A decisão central não é “temos boa tese jurídica?”. É: dado o valor em jogo, o tempo disponível do cliente e o histórico da turma que provavelmente vai julgar, o Carf é o caminho certo — ou é a rota mais cara para chegar ao mesmo lugar que uma transação tributária entregaria em um terço do tempo?

O framework: quatro variáveis antes de qualquer petição de recurso

Advogado experiente não pergunta primeiro “temos argumento?”. Pergunta, nesta ordem:

1. Valor da causa versus fluxo de caixa do cliente

Um crédito de R$ 3 milhões discutido por cinco anos pode custar mais em capital de giro imobilizado do que a economia tributária obtida no final. Se o cliente é uma empresa que precisa de caixa para operar — não uma holding que pode esperar —, a métrica não é “quanto podemos economizar”, é “quanto custa não ter esse dinheiro disponível agora”.

2. Estado da jurisprudência na turma provável

3. Custo de oportunidade da transação tributária

A PGFN ampliou modalidades de transação com descontos que, em muitos casos, superam o valor esperado de uma vitória parcial no Carf descontado pelo tempo. Comparar “quanto ganho se vencer” com “quanto recupero agora, com desconto, sem risco” é aritmética que muito profissional simplesmente não faz — porque nunca aprendeu a fazer.
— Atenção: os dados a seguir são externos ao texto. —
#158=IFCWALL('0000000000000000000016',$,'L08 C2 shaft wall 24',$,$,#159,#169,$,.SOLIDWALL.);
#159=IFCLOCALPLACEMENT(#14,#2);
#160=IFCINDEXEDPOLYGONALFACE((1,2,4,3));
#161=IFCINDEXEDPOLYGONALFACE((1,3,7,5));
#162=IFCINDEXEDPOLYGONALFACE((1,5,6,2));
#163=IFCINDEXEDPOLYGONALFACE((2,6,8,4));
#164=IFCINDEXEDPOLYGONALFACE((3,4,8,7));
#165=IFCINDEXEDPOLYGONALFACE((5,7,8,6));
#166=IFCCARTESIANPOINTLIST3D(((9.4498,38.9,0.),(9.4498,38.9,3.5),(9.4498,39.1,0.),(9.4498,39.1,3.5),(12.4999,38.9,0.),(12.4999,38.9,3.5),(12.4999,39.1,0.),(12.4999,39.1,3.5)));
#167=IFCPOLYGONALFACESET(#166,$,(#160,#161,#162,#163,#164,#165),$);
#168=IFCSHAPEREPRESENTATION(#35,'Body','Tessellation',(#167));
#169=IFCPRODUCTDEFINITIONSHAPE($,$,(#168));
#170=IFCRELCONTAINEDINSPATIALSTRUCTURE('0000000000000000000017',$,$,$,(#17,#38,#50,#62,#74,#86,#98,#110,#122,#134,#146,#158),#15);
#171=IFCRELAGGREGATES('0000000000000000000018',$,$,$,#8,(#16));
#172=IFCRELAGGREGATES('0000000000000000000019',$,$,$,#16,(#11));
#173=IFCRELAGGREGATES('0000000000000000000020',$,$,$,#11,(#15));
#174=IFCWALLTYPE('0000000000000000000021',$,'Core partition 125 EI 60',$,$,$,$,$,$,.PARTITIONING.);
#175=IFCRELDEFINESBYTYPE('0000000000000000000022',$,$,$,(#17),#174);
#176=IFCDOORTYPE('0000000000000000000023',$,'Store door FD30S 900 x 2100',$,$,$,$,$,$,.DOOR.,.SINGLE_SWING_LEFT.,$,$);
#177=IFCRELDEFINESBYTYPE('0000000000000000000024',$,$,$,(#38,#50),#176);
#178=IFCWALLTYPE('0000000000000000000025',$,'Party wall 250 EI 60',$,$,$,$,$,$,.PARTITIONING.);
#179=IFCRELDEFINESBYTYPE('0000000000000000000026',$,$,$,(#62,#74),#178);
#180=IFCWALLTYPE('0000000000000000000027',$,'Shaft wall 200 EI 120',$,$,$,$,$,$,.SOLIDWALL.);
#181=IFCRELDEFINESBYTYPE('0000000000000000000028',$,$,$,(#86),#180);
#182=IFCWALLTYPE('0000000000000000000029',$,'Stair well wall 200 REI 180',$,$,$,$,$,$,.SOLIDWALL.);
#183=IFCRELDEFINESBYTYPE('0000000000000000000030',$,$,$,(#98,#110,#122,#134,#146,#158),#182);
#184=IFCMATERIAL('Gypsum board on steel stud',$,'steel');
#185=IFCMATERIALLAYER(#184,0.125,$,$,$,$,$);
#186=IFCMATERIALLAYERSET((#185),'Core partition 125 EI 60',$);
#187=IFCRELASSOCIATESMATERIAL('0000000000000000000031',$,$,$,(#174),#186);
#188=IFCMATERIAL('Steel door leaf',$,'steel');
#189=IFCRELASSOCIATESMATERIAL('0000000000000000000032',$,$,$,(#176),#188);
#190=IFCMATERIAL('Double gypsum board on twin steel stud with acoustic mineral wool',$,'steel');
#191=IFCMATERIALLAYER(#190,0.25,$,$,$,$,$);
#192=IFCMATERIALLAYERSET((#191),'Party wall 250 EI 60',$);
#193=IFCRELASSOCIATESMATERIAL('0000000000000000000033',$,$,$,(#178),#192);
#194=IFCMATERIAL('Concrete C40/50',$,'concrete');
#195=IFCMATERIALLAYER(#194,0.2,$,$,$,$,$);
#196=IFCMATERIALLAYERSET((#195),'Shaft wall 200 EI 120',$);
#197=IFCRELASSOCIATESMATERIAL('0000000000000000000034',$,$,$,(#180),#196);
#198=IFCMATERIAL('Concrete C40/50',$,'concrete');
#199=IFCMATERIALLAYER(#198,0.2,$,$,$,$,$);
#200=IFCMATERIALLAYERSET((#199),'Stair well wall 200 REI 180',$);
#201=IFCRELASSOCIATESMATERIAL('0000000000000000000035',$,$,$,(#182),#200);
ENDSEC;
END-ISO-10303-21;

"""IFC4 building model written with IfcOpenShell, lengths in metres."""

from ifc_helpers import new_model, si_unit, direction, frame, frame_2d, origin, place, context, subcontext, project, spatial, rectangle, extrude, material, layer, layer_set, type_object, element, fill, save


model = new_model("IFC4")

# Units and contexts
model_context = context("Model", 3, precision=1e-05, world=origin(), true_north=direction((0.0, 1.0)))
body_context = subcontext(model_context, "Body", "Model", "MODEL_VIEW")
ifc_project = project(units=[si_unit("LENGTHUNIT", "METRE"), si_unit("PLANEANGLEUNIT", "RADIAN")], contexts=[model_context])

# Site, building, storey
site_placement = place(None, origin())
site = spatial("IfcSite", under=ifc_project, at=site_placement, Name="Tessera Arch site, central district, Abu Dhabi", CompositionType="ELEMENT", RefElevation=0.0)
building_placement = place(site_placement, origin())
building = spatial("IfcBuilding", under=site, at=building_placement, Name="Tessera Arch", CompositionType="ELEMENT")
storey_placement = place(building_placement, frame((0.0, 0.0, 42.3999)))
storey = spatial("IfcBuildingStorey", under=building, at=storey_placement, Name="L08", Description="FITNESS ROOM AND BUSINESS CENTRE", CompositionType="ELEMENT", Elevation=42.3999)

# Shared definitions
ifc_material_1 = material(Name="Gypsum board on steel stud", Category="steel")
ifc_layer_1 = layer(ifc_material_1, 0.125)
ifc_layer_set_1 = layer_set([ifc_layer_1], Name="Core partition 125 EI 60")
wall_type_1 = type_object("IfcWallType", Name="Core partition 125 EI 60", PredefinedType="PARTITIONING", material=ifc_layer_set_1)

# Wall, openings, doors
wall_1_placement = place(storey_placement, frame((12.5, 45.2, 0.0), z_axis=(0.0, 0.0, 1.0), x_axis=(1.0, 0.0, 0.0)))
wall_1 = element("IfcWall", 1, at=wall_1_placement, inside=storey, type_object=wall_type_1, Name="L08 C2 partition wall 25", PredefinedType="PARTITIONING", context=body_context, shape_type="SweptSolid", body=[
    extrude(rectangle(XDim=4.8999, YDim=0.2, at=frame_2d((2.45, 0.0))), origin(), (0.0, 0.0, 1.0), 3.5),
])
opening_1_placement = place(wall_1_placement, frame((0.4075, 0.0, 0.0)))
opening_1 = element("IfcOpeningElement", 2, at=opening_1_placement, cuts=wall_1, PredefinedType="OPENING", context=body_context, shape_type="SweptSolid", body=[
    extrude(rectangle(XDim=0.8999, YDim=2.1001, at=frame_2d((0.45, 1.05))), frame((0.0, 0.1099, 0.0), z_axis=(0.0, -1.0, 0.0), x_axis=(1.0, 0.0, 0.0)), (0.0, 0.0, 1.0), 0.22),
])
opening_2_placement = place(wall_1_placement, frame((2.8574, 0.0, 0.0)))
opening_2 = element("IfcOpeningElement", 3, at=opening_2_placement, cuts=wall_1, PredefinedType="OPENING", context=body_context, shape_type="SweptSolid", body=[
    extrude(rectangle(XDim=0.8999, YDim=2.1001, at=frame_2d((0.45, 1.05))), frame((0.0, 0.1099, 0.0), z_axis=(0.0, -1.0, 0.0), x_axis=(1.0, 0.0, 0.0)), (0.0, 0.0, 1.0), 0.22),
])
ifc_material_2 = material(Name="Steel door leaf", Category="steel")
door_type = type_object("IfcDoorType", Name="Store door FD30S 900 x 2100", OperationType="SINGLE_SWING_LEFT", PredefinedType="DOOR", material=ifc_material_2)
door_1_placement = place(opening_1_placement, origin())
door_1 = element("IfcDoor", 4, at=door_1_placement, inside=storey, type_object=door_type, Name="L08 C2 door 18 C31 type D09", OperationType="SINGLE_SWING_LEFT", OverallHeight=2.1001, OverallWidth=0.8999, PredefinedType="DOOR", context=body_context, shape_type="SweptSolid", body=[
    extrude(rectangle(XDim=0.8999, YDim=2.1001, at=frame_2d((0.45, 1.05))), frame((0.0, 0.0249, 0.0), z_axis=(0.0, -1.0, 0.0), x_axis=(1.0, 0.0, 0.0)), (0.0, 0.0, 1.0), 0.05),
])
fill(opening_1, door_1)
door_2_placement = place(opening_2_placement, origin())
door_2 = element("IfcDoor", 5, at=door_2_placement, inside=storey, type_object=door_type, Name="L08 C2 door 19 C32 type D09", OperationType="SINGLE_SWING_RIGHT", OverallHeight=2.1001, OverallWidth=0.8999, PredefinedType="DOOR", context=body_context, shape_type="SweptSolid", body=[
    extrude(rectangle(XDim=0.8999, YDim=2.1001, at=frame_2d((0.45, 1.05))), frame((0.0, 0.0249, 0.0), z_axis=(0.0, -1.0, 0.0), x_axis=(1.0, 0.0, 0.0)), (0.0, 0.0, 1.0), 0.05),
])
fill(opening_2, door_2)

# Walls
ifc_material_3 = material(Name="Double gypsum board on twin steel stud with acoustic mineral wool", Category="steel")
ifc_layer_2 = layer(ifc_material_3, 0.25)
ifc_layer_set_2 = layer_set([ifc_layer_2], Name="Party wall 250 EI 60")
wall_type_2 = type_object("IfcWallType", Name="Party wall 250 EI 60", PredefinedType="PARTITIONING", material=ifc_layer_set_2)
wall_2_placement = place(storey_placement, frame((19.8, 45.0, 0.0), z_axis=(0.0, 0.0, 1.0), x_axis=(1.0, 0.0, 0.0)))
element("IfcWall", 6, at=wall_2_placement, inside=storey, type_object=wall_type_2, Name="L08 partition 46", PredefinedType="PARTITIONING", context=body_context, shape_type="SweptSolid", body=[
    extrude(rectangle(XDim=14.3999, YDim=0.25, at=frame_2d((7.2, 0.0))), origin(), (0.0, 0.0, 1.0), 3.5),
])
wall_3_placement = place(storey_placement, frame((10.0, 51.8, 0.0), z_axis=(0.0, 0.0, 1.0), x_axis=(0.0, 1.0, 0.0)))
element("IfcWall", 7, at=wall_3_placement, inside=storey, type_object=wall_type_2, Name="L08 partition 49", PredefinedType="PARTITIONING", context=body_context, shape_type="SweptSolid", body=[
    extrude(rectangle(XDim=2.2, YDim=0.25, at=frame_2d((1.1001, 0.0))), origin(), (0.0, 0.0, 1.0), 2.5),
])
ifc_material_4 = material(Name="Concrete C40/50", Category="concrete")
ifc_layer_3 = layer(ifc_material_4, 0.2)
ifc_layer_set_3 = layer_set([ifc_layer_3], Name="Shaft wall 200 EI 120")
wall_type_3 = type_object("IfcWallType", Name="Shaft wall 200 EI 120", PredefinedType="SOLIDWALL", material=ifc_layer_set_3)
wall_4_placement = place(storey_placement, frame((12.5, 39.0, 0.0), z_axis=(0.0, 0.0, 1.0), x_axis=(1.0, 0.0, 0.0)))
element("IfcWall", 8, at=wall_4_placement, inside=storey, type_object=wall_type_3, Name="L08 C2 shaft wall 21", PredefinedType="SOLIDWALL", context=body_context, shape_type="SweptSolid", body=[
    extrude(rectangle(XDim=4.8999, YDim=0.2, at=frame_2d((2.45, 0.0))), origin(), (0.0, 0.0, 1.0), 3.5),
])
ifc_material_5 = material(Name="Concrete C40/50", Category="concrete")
4. Reversibilidade da decisão

Se a via administrativa falhar, ainda dá para judicializar. Se a transação for aceita, normalmente não. Isso muda o peso de cada opção: a via do Carf tem opcionalidade embutida que a transação não tem — e isso vale dinheiro, mesmo quando a probabilidade de vitória é baixa.

Cenário: a autuação de ICMS de R$ 3 milhões que separa quem cobra por hora de quem cobra por resultado

Cliente do setor de distribuição recebe auto de infração de ICMS por suposto aproveitamento indevido de crédito. Prazo de defesa correndo. Duas rotas possíveis.

Decisão errada: protocolar impugnação administrativa robusta, elogiar a tese, esperar o julgamento em primeira instância e depois recorrer ao Carf — sem checar antes se a câmara provável já decidiu casos análogos contra o contribuinte nos últimos 18 meses, e sem apresentar ao cliente a opção de transação com desconto que zeraria o litígio em 90 dias.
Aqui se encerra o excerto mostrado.